# Is one coat of stain enough?



## chrisn (Dec 23, 2007)

hayzen said:


> Hi all,
> 
> I'm staining some wood quarter rounds and I was told to stain it once, let it dry after a few hours, stain again, wait again, and then one coat of varnish.
> 
> ...


If you like the first coat, go ahead and apply the varnish, no need for a second coat of stain.


----------



## NCpaint1 (Aug 13, 2009)

Yep agreed


----------



## hayzen (Jul 28, 2009)

Thanks, I'll do that. 

Also, I bought some flexible quarter round that is supposedly stainable. I stained it with one coat and it's still not completely dry yet even after one day's time. Am I suppose to buy a specific type of stain for flexible trim?

Even if the stain isn't completely dry, can I apply the varnish anyway?


----------



## chrisn (Dec 23, 2007)

Even if the stain isn't completely dry, can I apply the varnish anyway? 
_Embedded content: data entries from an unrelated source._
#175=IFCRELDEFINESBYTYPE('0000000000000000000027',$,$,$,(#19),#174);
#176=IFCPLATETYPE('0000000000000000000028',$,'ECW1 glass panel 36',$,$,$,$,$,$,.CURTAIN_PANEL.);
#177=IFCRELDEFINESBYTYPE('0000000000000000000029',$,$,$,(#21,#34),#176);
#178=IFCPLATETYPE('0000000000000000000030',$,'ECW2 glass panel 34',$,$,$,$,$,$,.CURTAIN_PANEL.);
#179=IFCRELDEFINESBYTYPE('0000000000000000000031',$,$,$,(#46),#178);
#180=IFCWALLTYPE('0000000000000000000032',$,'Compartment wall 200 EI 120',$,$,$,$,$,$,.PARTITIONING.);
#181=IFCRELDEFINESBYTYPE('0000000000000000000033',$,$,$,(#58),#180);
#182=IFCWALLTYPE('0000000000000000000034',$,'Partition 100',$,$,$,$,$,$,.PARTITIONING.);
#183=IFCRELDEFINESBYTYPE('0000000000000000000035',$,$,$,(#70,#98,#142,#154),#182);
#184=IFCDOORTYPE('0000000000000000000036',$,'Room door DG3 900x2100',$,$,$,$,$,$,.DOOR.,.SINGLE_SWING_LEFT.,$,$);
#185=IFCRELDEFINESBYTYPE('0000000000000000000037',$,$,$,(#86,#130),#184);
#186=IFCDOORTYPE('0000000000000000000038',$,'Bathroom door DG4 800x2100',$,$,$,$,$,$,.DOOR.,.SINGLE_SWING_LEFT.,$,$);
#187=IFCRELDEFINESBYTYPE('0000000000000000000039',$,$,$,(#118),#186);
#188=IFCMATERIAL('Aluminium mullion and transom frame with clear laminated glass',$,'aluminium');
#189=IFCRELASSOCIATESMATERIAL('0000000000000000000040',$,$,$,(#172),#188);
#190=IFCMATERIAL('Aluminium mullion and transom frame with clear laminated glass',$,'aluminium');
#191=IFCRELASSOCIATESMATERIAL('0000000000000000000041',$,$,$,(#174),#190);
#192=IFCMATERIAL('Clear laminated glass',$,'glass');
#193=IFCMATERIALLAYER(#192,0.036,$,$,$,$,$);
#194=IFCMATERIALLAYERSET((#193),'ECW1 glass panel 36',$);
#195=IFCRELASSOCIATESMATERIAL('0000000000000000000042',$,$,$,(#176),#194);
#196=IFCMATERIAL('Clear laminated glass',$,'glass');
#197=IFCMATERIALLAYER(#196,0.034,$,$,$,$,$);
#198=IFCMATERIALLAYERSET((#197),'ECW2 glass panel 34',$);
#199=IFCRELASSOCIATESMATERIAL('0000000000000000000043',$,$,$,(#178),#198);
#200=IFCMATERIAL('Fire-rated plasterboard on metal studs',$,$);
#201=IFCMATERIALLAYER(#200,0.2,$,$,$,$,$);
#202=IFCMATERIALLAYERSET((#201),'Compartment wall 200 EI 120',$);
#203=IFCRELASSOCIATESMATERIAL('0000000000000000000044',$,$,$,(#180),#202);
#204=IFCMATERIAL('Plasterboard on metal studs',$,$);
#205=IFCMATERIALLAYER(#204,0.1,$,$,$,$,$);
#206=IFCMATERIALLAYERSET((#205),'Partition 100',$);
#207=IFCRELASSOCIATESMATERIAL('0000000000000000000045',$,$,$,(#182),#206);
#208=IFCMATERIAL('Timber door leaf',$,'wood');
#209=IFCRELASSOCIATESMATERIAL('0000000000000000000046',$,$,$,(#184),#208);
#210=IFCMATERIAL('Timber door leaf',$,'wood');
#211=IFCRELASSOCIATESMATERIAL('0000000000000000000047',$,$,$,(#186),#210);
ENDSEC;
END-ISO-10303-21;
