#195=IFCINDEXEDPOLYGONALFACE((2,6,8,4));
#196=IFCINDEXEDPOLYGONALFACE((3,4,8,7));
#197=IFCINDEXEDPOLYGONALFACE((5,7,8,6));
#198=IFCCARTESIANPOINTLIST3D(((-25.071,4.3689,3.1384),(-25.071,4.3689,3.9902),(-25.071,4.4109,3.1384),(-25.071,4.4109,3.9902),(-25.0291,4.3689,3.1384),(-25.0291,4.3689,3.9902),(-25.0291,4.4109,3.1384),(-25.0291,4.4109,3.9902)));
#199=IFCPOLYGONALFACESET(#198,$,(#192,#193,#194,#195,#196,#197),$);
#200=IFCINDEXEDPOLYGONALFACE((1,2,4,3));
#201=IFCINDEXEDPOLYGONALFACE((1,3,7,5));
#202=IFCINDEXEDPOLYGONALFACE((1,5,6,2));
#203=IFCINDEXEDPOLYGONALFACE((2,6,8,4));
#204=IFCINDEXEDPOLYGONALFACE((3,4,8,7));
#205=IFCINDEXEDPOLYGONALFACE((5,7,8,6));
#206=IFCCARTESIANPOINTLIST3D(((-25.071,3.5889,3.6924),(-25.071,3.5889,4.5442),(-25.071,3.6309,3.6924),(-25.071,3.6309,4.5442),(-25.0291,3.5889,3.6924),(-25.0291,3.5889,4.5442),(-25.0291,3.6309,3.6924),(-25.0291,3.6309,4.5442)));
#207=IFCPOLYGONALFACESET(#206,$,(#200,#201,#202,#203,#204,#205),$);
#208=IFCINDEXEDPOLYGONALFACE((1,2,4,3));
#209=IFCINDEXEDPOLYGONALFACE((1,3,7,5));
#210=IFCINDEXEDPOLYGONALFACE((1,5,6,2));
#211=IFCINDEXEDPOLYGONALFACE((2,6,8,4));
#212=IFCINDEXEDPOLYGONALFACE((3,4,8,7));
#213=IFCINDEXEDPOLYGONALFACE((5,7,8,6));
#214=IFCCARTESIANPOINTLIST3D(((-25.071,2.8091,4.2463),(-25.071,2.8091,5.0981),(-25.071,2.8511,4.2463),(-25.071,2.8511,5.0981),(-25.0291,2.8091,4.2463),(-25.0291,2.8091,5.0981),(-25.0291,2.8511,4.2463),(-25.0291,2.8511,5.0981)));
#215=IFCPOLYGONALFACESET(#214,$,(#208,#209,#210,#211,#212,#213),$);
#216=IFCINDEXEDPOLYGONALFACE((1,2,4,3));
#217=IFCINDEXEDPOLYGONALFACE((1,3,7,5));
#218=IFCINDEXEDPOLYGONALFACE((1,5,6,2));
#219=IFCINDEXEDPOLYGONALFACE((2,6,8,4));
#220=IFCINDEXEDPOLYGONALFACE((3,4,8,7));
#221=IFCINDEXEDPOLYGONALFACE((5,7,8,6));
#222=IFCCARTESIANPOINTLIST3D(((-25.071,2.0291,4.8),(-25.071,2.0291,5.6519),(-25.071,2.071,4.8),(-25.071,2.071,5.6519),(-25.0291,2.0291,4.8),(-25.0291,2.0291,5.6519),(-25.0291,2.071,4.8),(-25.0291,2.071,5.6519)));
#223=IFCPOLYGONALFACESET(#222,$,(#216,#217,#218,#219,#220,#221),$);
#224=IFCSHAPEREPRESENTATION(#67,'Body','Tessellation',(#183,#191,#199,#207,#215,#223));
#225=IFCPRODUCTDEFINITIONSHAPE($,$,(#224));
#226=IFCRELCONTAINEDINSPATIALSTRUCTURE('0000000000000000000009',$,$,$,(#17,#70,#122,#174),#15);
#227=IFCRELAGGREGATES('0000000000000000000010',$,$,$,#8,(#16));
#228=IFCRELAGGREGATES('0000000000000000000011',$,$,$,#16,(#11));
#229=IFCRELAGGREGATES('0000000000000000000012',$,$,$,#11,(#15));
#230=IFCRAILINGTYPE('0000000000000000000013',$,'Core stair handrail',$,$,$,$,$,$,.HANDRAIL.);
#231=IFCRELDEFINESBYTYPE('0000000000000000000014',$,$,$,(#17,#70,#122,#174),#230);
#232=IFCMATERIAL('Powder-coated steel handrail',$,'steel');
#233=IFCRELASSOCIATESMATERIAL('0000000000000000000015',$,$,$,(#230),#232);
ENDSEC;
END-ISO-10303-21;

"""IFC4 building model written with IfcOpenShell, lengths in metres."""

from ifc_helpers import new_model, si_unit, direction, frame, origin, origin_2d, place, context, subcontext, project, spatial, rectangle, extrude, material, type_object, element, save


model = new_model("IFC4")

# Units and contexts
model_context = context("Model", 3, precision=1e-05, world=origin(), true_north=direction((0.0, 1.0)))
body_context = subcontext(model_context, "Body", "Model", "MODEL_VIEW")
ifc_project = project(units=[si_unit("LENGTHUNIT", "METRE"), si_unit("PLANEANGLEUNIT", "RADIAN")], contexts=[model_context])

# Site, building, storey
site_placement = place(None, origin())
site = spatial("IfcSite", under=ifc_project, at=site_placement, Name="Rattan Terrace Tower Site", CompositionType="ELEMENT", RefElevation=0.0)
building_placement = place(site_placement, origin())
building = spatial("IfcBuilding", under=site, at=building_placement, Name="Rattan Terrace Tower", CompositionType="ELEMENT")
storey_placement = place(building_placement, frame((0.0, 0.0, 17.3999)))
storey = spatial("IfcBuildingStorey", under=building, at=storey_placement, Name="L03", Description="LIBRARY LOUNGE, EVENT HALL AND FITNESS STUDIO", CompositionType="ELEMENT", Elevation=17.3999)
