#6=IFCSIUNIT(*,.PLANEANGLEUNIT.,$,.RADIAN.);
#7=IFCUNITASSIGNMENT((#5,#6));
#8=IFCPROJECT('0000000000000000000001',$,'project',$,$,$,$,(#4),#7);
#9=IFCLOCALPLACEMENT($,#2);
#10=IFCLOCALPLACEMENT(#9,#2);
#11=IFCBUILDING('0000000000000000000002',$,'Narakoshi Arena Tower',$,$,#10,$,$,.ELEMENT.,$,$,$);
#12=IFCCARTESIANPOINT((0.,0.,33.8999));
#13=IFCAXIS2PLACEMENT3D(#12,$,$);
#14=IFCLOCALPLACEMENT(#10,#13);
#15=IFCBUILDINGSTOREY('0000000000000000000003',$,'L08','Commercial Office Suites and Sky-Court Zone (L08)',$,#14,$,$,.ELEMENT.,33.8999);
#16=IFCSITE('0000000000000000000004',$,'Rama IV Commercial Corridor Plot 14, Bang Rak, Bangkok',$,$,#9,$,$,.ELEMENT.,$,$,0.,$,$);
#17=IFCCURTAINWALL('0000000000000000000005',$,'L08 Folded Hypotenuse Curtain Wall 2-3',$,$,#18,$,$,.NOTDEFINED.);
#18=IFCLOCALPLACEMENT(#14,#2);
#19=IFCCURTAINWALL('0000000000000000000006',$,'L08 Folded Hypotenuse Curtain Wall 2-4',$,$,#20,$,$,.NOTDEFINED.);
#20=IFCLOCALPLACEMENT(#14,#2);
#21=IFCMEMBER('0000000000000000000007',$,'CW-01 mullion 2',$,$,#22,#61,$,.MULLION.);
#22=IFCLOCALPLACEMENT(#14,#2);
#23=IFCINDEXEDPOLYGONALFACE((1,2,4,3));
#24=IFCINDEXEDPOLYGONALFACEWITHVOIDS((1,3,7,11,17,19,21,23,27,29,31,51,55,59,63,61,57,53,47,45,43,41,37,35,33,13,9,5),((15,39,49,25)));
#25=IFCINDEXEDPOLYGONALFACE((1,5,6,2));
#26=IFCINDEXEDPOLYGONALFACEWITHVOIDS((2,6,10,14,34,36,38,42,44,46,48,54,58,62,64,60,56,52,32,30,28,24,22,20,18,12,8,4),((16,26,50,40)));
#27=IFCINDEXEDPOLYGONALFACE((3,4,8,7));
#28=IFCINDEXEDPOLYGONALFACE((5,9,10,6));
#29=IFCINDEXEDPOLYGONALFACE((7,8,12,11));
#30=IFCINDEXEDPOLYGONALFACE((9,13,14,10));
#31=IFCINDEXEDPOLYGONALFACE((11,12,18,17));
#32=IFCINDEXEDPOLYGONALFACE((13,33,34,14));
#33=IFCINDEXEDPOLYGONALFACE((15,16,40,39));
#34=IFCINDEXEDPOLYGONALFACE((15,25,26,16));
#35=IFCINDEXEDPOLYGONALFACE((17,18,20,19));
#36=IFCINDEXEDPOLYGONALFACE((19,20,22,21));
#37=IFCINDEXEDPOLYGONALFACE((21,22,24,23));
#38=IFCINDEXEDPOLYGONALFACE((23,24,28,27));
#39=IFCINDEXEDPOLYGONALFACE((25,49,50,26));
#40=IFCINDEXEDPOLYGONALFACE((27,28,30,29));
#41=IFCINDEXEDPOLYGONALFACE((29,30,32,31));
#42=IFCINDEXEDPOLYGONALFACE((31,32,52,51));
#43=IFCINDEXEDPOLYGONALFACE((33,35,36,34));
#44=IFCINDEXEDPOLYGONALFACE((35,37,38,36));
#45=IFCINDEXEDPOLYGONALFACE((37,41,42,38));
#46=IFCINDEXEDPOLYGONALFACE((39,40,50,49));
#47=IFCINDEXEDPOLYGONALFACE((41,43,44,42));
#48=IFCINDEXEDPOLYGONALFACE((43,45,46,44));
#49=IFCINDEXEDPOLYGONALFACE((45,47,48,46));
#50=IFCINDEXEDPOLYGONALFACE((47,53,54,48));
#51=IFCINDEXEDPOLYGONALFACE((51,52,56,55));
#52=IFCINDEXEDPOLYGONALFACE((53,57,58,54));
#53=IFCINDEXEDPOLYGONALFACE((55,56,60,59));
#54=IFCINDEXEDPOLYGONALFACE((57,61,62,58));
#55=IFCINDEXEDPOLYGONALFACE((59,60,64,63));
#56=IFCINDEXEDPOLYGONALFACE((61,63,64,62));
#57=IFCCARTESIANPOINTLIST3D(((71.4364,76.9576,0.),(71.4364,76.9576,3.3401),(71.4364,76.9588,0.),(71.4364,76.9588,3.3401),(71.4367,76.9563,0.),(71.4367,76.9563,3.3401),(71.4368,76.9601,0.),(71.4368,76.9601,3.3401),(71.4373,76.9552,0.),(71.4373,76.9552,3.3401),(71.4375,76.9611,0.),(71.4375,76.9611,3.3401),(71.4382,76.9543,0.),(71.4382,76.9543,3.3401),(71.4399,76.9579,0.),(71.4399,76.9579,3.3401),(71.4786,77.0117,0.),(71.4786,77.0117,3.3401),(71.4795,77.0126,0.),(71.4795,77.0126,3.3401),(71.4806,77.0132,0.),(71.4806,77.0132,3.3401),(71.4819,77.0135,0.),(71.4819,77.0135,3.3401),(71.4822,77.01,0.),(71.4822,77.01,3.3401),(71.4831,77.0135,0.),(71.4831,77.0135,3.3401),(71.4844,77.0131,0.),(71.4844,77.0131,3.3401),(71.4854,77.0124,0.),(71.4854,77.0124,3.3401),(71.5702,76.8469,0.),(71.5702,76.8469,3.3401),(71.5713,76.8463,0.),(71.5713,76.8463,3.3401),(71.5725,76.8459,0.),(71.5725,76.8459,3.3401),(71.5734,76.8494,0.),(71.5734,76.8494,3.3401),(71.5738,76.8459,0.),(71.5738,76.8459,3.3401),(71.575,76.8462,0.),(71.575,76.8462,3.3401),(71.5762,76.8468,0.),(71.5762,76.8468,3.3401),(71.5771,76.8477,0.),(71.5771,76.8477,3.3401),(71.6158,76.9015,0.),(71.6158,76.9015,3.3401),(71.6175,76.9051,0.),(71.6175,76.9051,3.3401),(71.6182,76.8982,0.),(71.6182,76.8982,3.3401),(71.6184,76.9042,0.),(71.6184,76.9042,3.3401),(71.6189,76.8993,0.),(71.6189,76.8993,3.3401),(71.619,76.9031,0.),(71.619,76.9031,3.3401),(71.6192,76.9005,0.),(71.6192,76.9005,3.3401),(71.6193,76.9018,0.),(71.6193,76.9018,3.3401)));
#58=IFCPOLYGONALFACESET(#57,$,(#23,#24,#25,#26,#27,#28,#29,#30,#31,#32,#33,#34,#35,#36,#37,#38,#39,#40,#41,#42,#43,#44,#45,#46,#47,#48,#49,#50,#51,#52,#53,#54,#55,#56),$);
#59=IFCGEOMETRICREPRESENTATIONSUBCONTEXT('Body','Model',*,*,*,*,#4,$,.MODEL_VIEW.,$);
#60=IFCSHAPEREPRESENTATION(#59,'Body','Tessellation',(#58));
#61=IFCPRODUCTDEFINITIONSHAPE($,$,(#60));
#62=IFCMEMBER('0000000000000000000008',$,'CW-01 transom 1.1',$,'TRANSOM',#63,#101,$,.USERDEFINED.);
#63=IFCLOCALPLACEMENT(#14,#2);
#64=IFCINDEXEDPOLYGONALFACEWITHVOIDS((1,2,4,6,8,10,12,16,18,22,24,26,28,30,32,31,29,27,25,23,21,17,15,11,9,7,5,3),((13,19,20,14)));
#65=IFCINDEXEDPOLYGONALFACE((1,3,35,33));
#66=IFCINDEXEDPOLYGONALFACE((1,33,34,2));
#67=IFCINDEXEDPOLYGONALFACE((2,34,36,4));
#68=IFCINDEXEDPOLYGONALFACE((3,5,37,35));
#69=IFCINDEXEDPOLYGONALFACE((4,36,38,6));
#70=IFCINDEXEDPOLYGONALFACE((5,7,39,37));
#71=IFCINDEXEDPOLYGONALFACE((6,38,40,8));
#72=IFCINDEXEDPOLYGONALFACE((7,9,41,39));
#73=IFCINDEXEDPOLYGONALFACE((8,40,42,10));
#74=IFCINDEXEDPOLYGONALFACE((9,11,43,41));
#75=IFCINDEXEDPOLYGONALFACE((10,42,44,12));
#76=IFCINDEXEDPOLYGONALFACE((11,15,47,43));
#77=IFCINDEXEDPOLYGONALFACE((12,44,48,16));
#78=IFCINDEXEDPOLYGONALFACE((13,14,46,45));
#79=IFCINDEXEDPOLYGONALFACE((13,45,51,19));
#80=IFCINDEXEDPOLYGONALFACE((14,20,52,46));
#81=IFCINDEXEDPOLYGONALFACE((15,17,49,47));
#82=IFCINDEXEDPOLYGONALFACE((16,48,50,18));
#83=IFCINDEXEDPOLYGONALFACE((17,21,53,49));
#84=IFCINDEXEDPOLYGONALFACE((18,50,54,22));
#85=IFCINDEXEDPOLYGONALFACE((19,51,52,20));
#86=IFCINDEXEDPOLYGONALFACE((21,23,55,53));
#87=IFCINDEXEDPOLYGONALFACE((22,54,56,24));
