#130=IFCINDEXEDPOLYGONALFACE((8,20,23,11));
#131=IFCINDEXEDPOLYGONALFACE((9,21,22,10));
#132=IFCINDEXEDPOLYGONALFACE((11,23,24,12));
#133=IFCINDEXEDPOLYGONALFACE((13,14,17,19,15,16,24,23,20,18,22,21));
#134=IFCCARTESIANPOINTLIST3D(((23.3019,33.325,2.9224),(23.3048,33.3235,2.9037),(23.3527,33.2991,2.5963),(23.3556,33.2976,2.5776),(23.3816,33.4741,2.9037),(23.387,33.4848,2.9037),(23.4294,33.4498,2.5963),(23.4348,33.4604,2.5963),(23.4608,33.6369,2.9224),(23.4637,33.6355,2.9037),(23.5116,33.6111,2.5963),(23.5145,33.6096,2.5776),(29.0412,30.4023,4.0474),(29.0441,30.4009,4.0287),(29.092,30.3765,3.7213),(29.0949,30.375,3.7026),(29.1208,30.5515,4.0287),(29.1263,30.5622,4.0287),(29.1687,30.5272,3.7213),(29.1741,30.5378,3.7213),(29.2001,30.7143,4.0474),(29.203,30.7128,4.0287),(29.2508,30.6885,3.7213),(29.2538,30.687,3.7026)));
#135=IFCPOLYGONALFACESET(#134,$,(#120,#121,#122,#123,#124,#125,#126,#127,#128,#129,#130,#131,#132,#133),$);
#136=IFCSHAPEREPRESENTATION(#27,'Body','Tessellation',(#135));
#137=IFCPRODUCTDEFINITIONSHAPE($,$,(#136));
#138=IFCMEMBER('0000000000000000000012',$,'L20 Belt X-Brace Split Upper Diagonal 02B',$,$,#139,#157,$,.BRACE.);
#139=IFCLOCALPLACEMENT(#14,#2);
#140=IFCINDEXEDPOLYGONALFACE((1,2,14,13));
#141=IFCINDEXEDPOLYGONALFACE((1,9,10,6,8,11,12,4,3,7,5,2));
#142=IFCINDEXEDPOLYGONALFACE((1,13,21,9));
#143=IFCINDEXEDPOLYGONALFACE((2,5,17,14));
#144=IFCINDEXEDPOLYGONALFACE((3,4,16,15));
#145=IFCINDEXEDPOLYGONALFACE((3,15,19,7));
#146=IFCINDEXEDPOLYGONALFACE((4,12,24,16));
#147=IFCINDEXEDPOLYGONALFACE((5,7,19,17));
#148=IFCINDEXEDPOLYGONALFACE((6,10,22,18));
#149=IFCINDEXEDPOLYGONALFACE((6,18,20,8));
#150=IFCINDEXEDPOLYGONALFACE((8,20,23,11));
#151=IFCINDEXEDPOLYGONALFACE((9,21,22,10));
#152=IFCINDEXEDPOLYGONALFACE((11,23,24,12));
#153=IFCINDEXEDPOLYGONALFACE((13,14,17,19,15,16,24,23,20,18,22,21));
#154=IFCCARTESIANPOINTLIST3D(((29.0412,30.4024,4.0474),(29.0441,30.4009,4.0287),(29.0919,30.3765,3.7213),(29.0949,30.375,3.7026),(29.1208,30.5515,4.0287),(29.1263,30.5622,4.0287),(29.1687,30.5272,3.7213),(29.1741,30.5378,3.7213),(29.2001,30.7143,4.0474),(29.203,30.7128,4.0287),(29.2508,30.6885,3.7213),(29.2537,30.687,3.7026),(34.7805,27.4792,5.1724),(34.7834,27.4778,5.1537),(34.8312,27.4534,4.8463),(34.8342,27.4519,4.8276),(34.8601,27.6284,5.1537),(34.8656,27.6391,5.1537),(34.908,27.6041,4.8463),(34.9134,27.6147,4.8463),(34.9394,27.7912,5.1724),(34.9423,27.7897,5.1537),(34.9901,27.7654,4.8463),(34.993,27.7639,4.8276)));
I would not,:no:don't know why it would not dry, is it real wood? Maybe take a hair dryer to it.


----------



## hayzen (Jul 28, 2009)

chrisn said:


> I would not,:no:don't know why it would not dry, is it real wood? Maybe take a hair dryer to it.


The flexible quarter round is made of some rubber material.


----------



## chrisn (Dec 23, 2007)

Does it say it can be stained?


----------



## NCpaint1 (Aug 13, 2009)

NO HAIR DRYER!! Use a fan. Heat will pull the stain and cause bubbles. On vinyl molding like you have, there really isnt any penetration to speak of, it just sits on the surface, longer dry time is normal. Is the color matching? You could try a GEL stain if it needs to be darker.


----------



## hayzen (Jul 28, 2009)

Thanks for the warning. After a couple of days, it finally dried and the colour matches well. Thanks for all the help.


----------